The good news is that markets have been digesting this tightening for months. Despite the fact that the major US large cap equity indices are down only 5-10% from their highs, the damage under the surface has been enormous and even catastrophic for many individual stocks. Expensive, unprofitable names – i.e., the most speculative parts of the equity market – have been hit the hardest, down 30-50%. This is appropriate in our view, not just because the Fed is pivoting but because these kinds of valuations don’t make sense in any investment environment. In short, the froth is coming out of an equity market that simply got too extended on valuation.

But attention should now turn to the ice part of our narrative – slowing growth. As we’ve been writing for months, we view the current deceleration in growth as more about the natural ebbing of the cycle than the latest variant of Covid. Indeed, there are reasons to be optimistic that Omicron will prove to be the final wave of this pandemic. However, that also means the end of extraordinary stimulus, both monetary and fiscal. It also means looser supply chains as restrictions ease and people fully return to work. Better supply is good for fighting inflation but may also reveal the degree to which demand has been supported and overstated by double ordering. Weaker PMIs are already leading stocks in this regard (Exhibit 1).

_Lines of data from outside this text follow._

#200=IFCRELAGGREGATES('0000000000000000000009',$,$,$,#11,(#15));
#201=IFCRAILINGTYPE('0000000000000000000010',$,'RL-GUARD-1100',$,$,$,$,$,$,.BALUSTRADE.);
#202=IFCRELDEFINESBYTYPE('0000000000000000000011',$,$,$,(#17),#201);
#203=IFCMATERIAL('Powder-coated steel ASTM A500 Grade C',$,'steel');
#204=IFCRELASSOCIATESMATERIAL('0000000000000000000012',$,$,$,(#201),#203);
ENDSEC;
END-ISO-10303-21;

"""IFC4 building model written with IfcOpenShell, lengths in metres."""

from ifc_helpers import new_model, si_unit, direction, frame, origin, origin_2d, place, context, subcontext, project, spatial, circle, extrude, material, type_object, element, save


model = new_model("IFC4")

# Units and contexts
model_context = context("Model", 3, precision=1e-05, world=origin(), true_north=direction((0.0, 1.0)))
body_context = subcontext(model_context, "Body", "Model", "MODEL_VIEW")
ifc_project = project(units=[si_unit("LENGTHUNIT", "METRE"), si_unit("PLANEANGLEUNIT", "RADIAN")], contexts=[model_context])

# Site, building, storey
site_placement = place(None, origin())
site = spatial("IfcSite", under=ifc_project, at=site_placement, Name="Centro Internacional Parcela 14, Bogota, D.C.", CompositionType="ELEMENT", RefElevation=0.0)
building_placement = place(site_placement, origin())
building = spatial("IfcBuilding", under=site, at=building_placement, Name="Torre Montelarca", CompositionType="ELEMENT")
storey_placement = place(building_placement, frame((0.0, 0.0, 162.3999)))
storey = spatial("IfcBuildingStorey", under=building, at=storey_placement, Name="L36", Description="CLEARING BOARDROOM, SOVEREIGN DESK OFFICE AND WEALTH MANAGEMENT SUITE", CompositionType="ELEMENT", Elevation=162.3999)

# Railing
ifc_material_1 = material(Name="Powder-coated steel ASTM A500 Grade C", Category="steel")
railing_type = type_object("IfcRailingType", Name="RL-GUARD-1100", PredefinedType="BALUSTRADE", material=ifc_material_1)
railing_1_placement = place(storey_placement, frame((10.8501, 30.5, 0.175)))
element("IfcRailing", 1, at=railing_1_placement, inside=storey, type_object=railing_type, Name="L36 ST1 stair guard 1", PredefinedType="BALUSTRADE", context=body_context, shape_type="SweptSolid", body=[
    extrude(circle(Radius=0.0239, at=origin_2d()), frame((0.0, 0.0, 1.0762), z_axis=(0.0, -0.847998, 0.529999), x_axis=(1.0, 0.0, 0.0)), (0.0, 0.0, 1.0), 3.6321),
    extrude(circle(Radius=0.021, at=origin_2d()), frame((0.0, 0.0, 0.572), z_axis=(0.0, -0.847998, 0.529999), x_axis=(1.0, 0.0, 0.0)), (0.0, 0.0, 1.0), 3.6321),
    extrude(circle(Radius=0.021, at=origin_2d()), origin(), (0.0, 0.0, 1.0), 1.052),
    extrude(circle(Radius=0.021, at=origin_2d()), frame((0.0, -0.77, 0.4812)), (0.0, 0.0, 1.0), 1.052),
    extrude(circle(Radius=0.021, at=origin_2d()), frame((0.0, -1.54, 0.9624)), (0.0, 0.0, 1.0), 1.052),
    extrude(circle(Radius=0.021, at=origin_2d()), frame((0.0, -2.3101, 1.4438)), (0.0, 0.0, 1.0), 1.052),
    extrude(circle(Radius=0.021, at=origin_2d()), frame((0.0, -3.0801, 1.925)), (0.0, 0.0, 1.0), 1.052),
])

This would fit nicely with the 1940s analogy that we detailed in our outlook and our This Cycle Could Run Hotter but Shorter note almost a year ago. In brief, the end of World War II freed pent-up savings and unleashed demand into an economy unable to supply it. Double-digit inflation ensued, which led to the first Fed rate hike in over a decade and the beginning of the end of financial repression. Sounds familiar? Shortly thereafter, inflation plummeted as demand normalized, but the Fed never returned to the zero bound. Instead, we began a new era of shorter booms and busts as the world adjusted to the higher levels of demand as well as cost of capital and labor. The end of secular stagnation and financial repression has arrived, but it won’t be a smooth ride.

In the near term, hunker down for a few more months of winter as slowing growth overtakes the Fed as the primary concern. In such a world, we continue to favor value over growth but with a defensive rather than cyclical bias – i.e., hibernate until winter is over.

I still think that the underlying condition of the global economy is structurally deflationary and pandemic distortions will ease through this year so inflation could disappear very quickly when the Fed gets relatively little traction in tightening financial conditions.